The role of Kapidex in healing EE was evaluated in 2 multicenter, doubleblind, active-controlled, randomized, 8-week studies to test for noninferiority. Patients were randomized to receive either Kapidex 60 mg daily, Kapidex 90 mg daily, or lansoprazole 30 mg daily. Kapidex 60 mg daily was determined to be noninferior to lansoprazole 30 mg daily. The 90-mg dose was not found to provide any additional clinical benefit over the 60-mg dose.
Kapidex for the maintenance of healed EE was evaluated in a multicenter, double-blind, placebo-controlled, randomized, 6-month study. Patients were randomized to receive Kapidex 30 mg, Kapidex 60 mg, or placebo. It was found that Kapidex 30 mg daily resulted in a higher median percent of 24-hour heartburn-free days than placebo. The 60-mg dose was not found to provide any additional clinical benefit over the 30-mg dose.1
Dosage and Administration
Kapidex should be dosed as follows:
• For the treatment of symptomatic nonerosive GERD: 30 mg once daily for 4 weeks
• For the healing of EE: 60 mg once daily for up to 8 weeks
• For the maintenance of healed EE: 30 mg once daily for up to 6 months
A maximum daily dose of 30 mg should be considered for patients with moderate hepatic impairment (Child- Pugh Class B). The capsules should be swallowed whole or can be opened, sprinkled on 1 tablespoon of applesauce, and swallowed immediately.1
Contraindications, Warnings, Precautions, and Adverse Reactions
Kapidex is contraindicated in patients with a known hypersensitivity to any of its ingredients. Symptomatic response with Kapidex does not preclude the presence of gastric malignancy.

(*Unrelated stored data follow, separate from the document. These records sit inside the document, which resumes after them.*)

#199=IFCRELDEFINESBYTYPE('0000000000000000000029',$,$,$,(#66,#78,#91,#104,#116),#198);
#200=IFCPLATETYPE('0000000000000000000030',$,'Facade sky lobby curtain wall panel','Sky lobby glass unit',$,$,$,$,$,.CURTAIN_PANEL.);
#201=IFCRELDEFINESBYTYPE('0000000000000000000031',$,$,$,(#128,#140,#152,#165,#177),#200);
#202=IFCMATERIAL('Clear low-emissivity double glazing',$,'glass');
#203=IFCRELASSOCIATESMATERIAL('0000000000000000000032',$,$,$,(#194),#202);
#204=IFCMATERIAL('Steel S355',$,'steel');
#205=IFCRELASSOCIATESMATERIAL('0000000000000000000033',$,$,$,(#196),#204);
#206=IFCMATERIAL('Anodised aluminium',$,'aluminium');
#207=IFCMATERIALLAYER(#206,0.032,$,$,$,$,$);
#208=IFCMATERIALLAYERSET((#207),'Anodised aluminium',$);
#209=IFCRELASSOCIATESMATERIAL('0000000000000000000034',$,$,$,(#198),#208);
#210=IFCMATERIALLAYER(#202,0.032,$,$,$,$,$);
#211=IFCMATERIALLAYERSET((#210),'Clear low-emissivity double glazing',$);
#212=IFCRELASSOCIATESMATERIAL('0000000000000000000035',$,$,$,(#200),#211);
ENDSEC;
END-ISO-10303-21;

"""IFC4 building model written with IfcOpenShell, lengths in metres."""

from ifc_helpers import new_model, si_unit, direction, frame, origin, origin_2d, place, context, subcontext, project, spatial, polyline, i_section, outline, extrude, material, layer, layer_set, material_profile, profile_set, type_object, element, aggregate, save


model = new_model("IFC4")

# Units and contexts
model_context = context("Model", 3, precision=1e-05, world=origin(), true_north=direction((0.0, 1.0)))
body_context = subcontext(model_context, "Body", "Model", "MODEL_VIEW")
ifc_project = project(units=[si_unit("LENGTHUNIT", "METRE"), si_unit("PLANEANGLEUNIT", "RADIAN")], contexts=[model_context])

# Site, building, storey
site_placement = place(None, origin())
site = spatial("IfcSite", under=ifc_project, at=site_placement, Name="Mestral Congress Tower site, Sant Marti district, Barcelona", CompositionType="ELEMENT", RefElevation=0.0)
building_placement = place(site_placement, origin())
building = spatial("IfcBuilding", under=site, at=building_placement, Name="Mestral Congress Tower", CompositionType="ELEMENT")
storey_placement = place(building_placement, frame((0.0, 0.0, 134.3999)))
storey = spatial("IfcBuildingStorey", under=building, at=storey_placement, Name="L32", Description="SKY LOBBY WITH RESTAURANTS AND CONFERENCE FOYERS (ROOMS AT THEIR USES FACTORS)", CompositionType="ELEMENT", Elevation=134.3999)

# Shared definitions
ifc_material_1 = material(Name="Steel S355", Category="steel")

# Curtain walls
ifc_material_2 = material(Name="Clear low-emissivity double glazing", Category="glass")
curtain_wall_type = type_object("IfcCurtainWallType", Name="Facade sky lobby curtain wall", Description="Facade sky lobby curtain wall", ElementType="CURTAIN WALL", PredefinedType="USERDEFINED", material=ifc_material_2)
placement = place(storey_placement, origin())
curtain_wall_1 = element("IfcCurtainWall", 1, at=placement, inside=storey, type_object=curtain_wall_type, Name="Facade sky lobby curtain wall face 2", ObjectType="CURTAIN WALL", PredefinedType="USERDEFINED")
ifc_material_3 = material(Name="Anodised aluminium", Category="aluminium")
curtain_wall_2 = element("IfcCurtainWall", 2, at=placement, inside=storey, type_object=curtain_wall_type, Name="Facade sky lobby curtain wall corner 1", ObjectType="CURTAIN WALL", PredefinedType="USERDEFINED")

Kapidex should not be used concomitantly with atazanavir; this combination may result in a substantial decrease in atazanavir levels. When administered with warfarin during clinical trials, Kapidex did not affect the international normalized ratio (INR); however, concomitant use of warfarin and other PPIs has resulted in reports of increased INR and prothrombin time. As a result, patients using both Kapidex and warfarin should be monitored closely for an increase in the INR. Kapidex may alter the absorption of pH-dependent medications. Examples of medications in which gastric pH may impact bioavailability include ampicillin esters, digoxin, iron salts, and ketoconazole.
Kapidex is a pregnancy category B drug. It should not be used by patients who are breast-feeding. Its use has not been evaluated in patients younger than 18 years old. The most commonly reported adverse reactions were diarrhea, abdominal pain, nausea, upper respiratory tract infection, vomiting, and flatulence.1
1. Kapidex [prescribing information]. Kapidex Web site. www.kapidex.com/pi.aspx. Accessed February 2009.
2. FDA Approves Kapidex (dexlansoprazole) delayed release capsules for the treatment of GERD. Kapidex Web site. www.kapidex.com/Press.aspx. Accessed February 2009.